The impact of this coronavirus is devastating in hundreds of ways, but tourism undergirds sizeable parts of the regional economy and especially around Niagara Falls, one of the most recognizable names in international travel.

It has also dealt a blow to Delaware North, a global name in the hospitality industry, based in Buffalo. The company announced on Wednesday that it is putting more than two-thirds of its 3,100 full-time workers on leave because of the disruption caused by the Covid-19 outbreak. They will receive just one week of pay and eight weeks of benefits, effective April 1. Full-time workers who remain on the job will do so at reduced pay.

That’s serious and it underscores the need for dramatic action to buttress the sagging economy. Washington has begun that work, but more may well be necessary and it will probably need to be drastic.

The question is, how drastic does that effort need to be? What we do – or don’t do – now, will have consequences for the future. It would be dangerous to overdo it but potentially disastrous to do too little in the face of an economic shutdown such as we have never seen.

Among the ideas worth examining is one by Andrew Ross Sorkin, founder and editor-at-large of DealBook and author of “Too Big to Fail.” In a recent New York Times piece, he proposed what he called a “thought experiment.” Instead of limiting itself to the usual prescriptions for a recession – and one is surely in the offing – he suggested that the government should offer no-interest loans to every American business and every self-employed worker, including gig workers.

These “bridge loans” would be guaranteed for the duration of the crisis and would be paid back over a five-year period.

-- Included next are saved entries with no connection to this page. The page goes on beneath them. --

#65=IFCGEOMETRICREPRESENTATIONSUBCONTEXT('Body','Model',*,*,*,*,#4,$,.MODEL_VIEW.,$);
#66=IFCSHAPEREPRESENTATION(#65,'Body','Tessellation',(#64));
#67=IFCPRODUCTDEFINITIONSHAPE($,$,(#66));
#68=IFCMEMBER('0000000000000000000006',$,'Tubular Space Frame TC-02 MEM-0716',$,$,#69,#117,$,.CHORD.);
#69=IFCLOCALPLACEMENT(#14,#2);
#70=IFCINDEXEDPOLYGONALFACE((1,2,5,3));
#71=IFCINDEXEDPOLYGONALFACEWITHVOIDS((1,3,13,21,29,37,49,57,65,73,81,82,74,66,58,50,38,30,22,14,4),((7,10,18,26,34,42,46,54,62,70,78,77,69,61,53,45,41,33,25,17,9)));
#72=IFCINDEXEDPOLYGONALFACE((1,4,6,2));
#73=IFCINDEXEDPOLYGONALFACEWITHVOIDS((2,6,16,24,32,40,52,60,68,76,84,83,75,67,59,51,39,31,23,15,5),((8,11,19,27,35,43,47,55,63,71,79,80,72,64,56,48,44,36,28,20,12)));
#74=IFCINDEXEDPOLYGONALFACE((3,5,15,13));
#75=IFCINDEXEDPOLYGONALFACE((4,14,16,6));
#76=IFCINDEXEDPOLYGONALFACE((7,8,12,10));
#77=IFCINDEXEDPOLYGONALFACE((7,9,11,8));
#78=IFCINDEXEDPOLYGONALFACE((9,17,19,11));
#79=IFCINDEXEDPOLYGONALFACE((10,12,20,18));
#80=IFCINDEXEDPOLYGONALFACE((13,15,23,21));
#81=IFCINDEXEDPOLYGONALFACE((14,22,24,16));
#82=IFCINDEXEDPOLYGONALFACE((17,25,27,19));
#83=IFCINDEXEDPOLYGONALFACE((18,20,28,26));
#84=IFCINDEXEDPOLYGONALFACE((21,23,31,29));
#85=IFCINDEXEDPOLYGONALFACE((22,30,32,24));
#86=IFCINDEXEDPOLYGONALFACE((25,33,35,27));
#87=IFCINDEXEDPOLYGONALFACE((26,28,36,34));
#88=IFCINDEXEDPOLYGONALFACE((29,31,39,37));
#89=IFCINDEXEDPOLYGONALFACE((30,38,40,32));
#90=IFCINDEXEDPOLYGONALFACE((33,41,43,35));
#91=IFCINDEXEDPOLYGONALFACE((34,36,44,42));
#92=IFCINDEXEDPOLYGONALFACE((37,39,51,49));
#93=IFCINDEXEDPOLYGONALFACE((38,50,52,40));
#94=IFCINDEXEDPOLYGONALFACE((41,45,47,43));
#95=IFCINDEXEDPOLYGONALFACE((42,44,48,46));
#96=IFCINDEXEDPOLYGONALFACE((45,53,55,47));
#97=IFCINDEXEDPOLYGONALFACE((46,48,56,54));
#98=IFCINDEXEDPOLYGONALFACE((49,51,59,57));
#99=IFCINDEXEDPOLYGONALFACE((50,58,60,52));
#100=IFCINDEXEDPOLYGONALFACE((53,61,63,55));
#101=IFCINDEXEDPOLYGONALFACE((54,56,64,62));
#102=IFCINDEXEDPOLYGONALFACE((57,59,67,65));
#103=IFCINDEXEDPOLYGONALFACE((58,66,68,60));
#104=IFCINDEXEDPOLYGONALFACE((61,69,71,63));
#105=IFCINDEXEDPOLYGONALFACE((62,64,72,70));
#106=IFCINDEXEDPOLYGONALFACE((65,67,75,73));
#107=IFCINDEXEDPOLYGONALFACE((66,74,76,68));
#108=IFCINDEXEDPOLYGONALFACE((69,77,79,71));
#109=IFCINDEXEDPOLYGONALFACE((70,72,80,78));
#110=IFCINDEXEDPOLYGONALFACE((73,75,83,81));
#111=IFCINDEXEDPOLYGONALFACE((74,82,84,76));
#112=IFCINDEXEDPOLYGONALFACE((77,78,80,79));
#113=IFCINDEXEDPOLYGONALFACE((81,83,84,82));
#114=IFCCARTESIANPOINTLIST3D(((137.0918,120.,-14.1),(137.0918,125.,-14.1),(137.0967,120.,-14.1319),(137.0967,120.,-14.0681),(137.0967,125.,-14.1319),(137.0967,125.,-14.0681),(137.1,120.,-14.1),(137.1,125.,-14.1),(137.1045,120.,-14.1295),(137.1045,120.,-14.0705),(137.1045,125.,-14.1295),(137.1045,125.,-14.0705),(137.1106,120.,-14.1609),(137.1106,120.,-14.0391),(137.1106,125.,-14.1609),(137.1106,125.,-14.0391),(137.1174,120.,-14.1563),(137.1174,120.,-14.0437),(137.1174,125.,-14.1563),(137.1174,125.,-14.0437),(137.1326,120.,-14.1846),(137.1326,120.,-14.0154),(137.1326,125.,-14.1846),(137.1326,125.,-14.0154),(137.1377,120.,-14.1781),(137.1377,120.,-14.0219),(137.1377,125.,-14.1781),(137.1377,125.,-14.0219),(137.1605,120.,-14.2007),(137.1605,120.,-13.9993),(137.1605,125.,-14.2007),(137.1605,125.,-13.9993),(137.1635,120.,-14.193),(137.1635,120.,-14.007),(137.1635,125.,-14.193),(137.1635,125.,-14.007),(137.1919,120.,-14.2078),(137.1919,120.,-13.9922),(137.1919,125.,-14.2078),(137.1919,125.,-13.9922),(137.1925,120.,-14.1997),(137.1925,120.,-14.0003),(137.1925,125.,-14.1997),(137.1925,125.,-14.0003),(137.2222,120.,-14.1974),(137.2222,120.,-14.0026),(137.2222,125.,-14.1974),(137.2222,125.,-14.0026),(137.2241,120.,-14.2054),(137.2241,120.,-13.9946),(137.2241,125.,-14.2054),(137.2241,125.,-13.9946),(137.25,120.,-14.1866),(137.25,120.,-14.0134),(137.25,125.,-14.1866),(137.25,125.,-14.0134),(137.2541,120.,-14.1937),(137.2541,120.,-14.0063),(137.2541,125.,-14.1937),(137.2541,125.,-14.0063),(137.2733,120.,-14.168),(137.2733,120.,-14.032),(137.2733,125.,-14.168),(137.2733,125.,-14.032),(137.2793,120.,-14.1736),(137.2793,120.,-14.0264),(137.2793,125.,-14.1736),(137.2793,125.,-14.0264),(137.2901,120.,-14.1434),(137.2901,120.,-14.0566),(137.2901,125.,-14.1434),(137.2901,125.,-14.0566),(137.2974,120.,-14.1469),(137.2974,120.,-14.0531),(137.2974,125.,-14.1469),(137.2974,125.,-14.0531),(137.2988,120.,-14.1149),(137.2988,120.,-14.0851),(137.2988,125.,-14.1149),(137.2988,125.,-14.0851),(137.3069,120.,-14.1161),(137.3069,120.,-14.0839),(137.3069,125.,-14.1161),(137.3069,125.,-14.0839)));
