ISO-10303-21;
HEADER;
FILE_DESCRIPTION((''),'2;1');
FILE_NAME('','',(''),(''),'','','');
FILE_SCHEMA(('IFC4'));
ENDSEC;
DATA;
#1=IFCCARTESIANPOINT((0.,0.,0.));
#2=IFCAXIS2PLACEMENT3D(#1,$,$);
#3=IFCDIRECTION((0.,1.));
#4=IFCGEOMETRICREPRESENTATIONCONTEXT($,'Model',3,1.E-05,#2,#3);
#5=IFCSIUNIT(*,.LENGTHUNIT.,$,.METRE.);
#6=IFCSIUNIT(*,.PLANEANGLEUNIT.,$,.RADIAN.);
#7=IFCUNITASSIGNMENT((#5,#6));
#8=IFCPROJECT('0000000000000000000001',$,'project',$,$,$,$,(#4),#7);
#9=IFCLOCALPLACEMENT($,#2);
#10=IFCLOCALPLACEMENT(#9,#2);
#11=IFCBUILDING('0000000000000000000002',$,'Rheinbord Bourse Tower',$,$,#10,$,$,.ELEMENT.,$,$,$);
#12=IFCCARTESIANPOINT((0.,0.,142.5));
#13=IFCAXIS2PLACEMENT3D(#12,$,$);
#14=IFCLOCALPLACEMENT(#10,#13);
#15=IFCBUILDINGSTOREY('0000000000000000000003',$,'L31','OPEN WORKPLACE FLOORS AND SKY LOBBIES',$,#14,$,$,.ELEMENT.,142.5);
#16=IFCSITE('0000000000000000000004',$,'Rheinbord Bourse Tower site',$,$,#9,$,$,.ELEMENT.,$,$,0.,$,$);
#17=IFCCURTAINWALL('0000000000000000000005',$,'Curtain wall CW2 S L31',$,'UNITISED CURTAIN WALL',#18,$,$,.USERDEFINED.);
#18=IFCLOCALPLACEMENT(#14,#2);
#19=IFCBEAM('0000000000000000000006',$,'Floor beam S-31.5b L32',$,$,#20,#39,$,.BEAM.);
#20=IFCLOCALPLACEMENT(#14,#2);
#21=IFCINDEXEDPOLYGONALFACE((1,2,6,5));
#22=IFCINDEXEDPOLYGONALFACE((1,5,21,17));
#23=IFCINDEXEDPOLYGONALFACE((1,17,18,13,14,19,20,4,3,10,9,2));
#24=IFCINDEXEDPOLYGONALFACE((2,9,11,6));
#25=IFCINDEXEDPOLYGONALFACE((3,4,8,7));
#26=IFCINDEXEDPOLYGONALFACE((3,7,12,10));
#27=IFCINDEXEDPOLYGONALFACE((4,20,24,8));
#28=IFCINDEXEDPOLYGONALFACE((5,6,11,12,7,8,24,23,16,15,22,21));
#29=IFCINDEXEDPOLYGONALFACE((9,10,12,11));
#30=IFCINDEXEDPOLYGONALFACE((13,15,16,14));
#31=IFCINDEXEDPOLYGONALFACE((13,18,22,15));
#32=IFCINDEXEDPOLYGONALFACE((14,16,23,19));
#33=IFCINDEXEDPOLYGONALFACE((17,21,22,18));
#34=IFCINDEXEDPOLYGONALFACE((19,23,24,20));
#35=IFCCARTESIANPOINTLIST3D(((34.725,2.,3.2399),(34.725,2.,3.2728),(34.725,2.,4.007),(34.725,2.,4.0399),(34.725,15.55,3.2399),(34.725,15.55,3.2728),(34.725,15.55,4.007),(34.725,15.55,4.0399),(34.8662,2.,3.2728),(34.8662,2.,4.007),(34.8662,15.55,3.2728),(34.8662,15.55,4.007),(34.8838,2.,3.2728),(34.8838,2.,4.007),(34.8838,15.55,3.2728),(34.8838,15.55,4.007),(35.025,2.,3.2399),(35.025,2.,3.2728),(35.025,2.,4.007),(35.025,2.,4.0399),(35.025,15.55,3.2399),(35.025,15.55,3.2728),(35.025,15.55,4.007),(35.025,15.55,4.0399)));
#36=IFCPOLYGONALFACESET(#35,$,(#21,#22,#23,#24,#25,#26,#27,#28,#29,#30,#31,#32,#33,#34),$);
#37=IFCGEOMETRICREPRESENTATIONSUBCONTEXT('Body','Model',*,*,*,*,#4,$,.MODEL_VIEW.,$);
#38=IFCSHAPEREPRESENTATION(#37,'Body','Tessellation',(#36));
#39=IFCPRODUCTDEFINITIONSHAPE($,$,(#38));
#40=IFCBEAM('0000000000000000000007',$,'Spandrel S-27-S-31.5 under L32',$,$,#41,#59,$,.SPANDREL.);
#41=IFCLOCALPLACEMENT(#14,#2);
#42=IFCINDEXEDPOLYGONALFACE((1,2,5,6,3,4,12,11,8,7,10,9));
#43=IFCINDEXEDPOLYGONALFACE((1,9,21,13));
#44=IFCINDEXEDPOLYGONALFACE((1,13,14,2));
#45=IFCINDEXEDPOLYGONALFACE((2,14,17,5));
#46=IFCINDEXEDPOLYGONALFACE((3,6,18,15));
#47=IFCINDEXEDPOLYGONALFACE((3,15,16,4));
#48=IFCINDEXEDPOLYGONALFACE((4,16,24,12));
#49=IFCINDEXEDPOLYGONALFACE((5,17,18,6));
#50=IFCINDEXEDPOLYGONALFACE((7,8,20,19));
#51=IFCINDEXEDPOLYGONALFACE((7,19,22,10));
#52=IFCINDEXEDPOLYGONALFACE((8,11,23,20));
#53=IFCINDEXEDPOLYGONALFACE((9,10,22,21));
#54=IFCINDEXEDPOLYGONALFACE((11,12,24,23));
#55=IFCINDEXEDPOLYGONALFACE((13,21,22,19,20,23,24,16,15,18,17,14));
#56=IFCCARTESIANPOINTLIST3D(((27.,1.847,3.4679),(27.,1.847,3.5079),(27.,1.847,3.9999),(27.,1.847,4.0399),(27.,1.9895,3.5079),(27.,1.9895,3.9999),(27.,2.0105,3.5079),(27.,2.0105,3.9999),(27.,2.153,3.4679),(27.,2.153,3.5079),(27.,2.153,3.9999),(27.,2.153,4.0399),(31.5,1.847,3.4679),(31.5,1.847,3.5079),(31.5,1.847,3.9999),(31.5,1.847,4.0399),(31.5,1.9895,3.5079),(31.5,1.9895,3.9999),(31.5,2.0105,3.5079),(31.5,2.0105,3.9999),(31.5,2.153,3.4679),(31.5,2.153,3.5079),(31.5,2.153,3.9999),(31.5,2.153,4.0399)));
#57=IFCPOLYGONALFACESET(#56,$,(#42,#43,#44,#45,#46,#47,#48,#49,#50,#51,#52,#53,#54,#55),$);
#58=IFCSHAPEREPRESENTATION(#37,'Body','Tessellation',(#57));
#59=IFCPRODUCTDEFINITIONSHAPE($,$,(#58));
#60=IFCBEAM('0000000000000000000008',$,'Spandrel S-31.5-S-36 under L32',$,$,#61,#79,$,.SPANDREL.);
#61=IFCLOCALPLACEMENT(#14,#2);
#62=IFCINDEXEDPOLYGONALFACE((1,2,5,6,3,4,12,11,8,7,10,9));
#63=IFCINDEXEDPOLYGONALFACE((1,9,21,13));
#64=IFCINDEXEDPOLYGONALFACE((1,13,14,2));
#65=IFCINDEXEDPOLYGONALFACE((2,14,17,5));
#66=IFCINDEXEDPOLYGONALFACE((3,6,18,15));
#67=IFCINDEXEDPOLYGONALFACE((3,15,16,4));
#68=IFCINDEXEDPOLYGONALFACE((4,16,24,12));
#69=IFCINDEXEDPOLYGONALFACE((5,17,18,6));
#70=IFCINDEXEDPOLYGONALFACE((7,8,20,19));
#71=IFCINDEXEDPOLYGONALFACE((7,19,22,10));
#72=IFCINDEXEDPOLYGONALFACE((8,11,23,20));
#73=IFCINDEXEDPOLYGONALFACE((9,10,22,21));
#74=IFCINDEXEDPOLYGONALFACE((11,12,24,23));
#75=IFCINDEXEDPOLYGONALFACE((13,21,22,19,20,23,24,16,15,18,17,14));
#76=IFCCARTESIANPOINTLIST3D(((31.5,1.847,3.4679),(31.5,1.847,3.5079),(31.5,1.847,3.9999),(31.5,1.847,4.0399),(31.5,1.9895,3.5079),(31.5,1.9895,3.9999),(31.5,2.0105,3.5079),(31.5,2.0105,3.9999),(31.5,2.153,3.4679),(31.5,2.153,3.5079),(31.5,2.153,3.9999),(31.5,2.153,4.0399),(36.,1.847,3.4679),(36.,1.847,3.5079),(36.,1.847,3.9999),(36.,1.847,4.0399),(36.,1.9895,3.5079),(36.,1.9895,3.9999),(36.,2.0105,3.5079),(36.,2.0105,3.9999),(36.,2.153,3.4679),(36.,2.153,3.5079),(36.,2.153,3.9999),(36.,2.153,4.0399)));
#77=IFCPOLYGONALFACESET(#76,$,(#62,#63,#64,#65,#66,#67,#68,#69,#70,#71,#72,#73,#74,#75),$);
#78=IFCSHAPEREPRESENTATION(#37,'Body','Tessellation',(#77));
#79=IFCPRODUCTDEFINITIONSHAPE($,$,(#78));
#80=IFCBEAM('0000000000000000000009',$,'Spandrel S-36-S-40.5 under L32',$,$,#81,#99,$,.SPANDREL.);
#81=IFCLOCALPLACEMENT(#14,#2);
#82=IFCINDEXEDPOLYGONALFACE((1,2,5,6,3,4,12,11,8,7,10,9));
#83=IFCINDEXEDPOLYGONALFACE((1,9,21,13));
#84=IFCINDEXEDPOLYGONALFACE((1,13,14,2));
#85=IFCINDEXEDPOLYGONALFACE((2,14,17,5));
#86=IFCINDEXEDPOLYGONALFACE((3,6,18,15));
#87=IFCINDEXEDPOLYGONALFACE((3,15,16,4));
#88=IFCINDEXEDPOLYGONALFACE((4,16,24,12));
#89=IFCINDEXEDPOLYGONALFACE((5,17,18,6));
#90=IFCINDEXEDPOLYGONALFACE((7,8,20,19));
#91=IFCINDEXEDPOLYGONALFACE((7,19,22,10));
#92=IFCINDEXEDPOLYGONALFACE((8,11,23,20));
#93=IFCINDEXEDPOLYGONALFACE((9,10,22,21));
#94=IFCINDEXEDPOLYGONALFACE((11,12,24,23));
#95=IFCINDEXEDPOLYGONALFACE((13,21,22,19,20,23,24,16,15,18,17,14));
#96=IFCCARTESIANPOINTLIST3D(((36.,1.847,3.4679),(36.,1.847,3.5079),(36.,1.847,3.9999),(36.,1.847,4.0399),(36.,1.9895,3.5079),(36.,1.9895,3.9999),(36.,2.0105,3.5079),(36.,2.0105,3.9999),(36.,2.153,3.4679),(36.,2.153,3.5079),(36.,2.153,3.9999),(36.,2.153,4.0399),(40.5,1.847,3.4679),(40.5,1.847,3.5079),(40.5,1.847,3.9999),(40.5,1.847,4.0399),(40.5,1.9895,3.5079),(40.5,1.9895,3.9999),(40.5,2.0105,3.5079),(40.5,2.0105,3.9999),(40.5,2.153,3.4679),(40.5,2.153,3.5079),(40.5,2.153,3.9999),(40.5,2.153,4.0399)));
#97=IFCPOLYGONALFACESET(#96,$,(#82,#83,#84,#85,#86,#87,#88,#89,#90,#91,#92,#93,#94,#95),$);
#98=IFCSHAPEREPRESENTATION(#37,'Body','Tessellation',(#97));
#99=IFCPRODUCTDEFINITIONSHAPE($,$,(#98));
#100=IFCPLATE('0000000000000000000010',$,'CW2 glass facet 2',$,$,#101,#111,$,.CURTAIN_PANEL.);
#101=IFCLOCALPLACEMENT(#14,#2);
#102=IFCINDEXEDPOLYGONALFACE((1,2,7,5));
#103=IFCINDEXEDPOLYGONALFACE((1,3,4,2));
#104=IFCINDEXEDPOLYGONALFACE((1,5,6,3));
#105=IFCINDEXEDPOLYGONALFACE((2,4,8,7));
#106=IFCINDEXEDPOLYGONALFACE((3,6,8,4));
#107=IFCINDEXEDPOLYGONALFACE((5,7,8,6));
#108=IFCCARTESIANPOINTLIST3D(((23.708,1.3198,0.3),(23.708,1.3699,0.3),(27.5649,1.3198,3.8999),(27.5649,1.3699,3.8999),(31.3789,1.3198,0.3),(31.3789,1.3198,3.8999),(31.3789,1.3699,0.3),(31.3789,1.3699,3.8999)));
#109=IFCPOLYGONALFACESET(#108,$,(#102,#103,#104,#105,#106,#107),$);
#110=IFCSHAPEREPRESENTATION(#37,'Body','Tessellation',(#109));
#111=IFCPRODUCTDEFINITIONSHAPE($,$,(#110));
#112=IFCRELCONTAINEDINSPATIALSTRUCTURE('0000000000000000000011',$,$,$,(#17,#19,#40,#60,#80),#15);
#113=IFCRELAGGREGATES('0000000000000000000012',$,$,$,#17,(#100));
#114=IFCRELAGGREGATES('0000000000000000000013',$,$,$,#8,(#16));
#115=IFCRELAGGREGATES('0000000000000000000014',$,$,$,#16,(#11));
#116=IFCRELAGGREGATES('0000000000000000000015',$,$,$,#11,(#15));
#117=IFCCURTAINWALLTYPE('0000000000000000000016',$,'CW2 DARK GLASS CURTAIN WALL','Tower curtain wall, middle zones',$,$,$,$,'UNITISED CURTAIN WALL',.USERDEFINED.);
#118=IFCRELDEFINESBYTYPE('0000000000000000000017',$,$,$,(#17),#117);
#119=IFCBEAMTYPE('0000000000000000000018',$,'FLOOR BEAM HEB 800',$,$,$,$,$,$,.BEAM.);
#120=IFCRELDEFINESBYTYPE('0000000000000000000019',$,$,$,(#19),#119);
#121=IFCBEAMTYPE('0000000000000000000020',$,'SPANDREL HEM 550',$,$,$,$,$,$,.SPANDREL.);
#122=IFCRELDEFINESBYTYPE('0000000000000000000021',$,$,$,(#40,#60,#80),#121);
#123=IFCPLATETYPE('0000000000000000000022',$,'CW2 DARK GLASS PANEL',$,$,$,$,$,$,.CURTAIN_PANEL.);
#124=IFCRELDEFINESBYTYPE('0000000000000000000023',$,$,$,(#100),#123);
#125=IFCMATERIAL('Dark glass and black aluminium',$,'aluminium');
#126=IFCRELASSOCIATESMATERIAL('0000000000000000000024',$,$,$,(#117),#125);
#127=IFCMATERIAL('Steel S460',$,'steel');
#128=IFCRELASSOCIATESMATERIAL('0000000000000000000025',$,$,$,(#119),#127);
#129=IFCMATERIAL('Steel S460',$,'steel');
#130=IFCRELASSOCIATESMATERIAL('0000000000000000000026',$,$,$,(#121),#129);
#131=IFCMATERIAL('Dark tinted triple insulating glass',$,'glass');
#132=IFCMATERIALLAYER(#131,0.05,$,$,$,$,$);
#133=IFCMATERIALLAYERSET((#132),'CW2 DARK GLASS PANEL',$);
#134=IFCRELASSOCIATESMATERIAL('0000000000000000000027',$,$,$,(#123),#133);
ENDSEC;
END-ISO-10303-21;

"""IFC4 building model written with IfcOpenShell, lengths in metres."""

from ifc_helpers import new_model, si_unit, direction, frame, origin, origin_2d, place, context, subcontext, project, spatial, polyline, i_section, outline, extrude, material, layer, layer_set, material_profile, profile_set, type_object, element, aggregate, save


model = new_model("IFC4")

# Units and contexts
model_context = context("Model", 3, precision=1e-05, world=origin(), true_north=direction((0.0, 1.0)))
body_context = subcontext(model_context, "Body", "Model", "MODEL_VIEW")
ifc_project = project(units=[si_unit("LENGTHUNIT", "METRE"), si_unit("PLANEANGLEUNIT", "RADIAN")], contexts=[model_context])

# Site, building, storey
site_placement = place(None, origin())
site = spatial("IfcSite", under=ifc_project, at=site_placement, Name="Rheinbord Bourse Tower site", CompositionType="ELEMENT", RefElevation=0.0)
building_placement = place(site_placement, origin())
building = spatial("IfcBuilding", under=site, at=building_placement, Name="Rheinbord Bourse Tower", CompositionType="ELEMENT")
storey_placement = place(building_placement, frame((0.0, 0.0, 142.5)))
storey = spatial("IfcBuildingStorey", under=building, at=storey_placement, Name="L31", Description="OPEN WORKPLACE FLOORS AND SKY LOBBIES", CompositionType="ELEMENT", Elevation=142.5)

# Curtain wall
ifc_material_1 = material(Name="Dark glass and black aluminium", Category="aluminium")
curtain_wall_type = type_object("IfcCurtainWallType", Name="CW2 DARK GLASS CURTAIN WALL", Description="Tower curtain wall, middle zones", ElementType="UNITISED CURTAIN WALL", PredefinedType="USERDEFINED", material=ifc_material_1)
curtain_wall_placement = place(storey_placement, origin())
curtain_wall = element("IfcCurtainWall", 1, at=curtain_wall_placement, inside=storey, type_object=curtain_wall_type, Name="Curtain wall CW2 S L31", ObjectType="UNITISED CURTAIN WALL", PredefinedType="USERDEFINED")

The only condition to businesses would be that they continue to employ at least 90% of their workforce at the same wage as before the crisis. Bolstered by the nation’s current, historically low interest rates, it would seem to fit the contours of the emergency. It would certainly count as drastic.

There may be other, better ideas, but Americans are keeping a social distance for a reason. We need to see this through to a safe end and we need to handle it in as bold a way as the dire conditions require. We an economy to which we return.